The graphic below shows the most frequent climatic events in the US between 1950 and 2011:
# ploting nb occurrences / events type
g <- ggplot(data=top10_events,
aes(x=reorder(EVTYPE, -total_events), y=total_events, fill=EVTYPE))
# printing plot with adequate legends and scaling
g + geom_bar(stat="identity") + theme_minimal() +
ggtitle("NUMBER OF OCCURENCES PER EVENTS TYPE") + labs(fill="Events") +
scale_y_continuous(name="number of occurences", labels = scales::comma) +
theme(axis.title.x=element_blank(), axis.text.x=element_blank(),
axis.ticks.x=element_blank())
This does not represent a list of the most dangerous climatic events. We should take some criteria to investigate more about these catastrophic events…
Victims based approach
But if we base our analysis on the number of victims the result is quite different; the worst event in terms of human victims is TORNADO.
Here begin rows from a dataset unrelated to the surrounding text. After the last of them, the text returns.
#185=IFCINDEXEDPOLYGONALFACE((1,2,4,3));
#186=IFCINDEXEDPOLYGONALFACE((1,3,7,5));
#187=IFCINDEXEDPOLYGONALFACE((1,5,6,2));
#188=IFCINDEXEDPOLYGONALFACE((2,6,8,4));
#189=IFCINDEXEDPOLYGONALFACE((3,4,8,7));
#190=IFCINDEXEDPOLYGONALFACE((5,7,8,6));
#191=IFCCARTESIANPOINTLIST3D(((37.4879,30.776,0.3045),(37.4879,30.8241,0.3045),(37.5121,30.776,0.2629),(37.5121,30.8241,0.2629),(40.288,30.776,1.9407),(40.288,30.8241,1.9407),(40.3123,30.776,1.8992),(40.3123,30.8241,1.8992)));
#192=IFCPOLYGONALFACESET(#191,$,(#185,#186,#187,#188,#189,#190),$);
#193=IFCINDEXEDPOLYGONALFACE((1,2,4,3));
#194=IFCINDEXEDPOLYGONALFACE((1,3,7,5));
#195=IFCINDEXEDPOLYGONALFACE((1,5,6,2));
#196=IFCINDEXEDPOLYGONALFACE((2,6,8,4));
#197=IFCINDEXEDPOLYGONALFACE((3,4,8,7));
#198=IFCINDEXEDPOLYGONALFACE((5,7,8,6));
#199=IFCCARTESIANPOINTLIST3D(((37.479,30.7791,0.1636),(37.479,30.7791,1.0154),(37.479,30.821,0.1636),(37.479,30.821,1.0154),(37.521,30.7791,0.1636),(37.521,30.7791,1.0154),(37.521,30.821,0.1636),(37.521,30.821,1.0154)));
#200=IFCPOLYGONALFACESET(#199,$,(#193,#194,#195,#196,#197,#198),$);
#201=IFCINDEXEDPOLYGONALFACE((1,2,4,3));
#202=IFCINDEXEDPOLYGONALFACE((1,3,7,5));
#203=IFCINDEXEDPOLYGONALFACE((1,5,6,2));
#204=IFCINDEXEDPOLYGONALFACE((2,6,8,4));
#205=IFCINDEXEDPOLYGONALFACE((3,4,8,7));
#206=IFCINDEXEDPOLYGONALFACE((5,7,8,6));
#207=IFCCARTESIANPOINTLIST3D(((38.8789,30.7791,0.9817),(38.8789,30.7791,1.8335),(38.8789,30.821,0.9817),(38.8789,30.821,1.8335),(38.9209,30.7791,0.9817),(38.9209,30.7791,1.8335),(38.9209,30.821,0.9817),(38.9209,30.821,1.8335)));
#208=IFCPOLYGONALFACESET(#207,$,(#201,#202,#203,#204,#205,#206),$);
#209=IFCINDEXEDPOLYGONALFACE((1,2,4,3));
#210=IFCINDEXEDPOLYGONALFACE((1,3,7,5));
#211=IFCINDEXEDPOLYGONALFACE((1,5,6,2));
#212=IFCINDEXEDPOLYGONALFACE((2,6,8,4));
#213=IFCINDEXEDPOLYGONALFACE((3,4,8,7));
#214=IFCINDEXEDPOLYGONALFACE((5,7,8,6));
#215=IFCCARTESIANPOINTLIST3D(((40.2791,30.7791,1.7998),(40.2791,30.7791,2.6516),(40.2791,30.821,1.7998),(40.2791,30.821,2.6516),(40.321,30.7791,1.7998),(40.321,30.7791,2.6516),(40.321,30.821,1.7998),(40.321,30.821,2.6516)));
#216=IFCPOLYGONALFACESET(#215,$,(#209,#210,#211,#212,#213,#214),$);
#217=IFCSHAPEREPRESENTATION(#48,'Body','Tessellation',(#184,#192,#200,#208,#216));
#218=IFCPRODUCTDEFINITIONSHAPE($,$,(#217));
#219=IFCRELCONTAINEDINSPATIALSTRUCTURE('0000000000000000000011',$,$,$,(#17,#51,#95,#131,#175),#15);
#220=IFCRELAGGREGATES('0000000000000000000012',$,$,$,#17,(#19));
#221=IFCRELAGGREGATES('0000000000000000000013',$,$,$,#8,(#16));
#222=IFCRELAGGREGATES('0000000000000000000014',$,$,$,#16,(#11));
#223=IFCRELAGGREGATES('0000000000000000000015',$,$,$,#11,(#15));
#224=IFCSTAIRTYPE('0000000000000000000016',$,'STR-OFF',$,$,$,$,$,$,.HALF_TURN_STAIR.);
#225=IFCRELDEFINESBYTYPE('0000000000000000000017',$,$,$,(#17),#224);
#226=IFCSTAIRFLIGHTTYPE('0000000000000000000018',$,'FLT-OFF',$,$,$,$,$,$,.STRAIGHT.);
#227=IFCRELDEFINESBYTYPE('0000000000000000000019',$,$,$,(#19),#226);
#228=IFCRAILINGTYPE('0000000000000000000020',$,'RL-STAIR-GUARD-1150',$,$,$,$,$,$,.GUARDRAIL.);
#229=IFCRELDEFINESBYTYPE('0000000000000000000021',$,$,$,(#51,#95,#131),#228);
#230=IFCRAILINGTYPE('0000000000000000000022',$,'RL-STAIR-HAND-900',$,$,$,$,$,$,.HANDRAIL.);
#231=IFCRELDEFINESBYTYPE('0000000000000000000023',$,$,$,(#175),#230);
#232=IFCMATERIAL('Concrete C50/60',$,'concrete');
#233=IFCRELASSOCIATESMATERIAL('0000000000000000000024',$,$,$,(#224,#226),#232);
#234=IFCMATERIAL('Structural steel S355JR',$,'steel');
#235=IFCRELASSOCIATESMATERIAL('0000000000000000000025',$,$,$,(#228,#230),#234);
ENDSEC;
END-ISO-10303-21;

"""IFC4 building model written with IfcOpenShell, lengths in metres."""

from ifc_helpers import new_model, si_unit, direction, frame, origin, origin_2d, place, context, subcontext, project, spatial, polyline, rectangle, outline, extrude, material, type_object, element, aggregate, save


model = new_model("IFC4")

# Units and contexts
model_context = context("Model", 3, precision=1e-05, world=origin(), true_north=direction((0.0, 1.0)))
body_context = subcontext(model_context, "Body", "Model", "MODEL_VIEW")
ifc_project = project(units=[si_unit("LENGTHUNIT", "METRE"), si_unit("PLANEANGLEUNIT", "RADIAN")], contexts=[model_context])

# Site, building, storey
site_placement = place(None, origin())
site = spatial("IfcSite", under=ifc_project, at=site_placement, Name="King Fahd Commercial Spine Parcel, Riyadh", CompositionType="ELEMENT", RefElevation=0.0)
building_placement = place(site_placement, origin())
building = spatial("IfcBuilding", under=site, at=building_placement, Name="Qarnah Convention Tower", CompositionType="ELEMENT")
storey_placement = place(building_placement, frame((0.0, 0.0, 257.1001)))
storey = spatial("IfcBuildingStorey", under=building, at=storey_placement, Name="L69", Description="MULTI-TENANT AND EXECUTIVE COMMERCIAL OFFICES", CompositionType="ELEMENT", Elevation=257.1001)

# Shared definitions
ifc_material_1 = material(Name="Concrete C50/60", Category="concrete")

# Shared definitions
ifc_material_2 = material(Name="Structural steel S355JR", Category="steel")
Note that have been summed here injuries and fatalities (even if deaths could arguably count more) as it is difficult to create a scale between these two.
The table below displays a top10 of victims per event type:
subset(arrange(sd3, desc(sd3$total_victims))[1:10,], select=c("EVTYPE",
"total_events", "total_injuries", "total_fatalities", "total_victims"))## # A tibble: 10 x 5
## EVTYPE total_events total_injuries total_fatalities total_victims
## <fct> <int> <dbl> <dbl> <dbl>
## 1 TORNADO 60652 91346 5633 96979
## 2 EXCESSIVE H… 1678 6525 1903 8428
## 3 TSTM WIND 219940 6957 504 7461
## 4 FLOOD 25326 6789 470 7259
## 5 LIGHTNING 15754 5230 816 6046
## 6 HEAT 767 2100 937 3037
## 7 FLASH FLOOD 54277 1777 978 2755
## 8 ICE STORM 2006 1975 89 2064
## 9 THUNDERSTOR… 82563 1488 133 1621
## 10 WINTER STORM 11433 1321 206 1527The graphic below shows a top10 of the worst events in terms of victims:
# ploting nb victims / events type
g <- ggplot(data=top10_victims,
aes(x=reorder(EVTYPE, -total_victims), y=total_victims, fill=EVTYPE))
# printing plot with adequate legends and scaling
g + geom_bar(stat="identity") + theme_minimal() +
ggtitle("TOTAL NUMBER OF VICTIMS PER EVENTS TYPE") + labs(fill="Events") +
scale_y_continuous(name="number of injuries + fatalities",
labels = scales::comma) +
theme(axis.title.x=element_blank(), axis.text.x=element_blank(),
axis.ticks.x=element_blank())
Economic based approach
Now from an economic point of view, the result is again different with FLOOD arriving first in term of damages amount.
As for victims, both property and crop damages have been added together to get these results.
The table below displays a top10 of economic damages per event type:
subset(arrange(sd3, desc(sd3$total_damages))[1:10,], select=c("EVTYPE",
"total_events", "total_property_damages",
"total_crop_damages", "total_damages"))## # A tibble: 10 x 5
## EVTYPE total_events total_property_d… total_crop_dama… total_damages
## <fct> <int> <dbl> <dbl> <dbl>
## 1 FLOOD 25326 144657709800 5661968450 150319678250
## 2 HURRICAN… 88 69305840000 2607872800 71913712800
## 3 TORNADO 60652 56937162897 414954710 57352117607
## 4 STORM SU… 261 43323536000 5000 43323541000
## 5 HAIL 288661 15732269877 3025954650 18758224527
## 6 FLASH FL… 54277 16140815011 1421317100 17562132111
## 7 DROUGHT 2488 1046106000 13972566000 15018672000
## 8 HURRICANE 174 11868319010 2741910000 14610229010
## 9 RIVER FL… 173 5118945500 5029459000 10148404500
## 10 ICE STORM 2006 3944928310 5022113500 8967041810The graphic below shows the 10 worst events in terms of economic damages.
# ploting damages / events type
g <- ggplot(data=top10_damages,
aes(x=reorder(EVTYPE, -total_damages), y=total_damages, fill=EVTYPE))
# printing plot with adequate legends and scaling
g + geom_bar(stat="identity") + theme_minimal() +
ggtitle("TOTAL AMOUNT OF DAMAGES PER EVENTS TYPE") + labs(fill="Events") +
scale_y_continuous(name="amount of damages (property + crop) in USD",
labels = scales::comma) +
theme(axis.title.x=element_blank(), axis.text.x=element_blank(),
axis.ticks.x=element_blank())
This is the end, thanks for reading until it!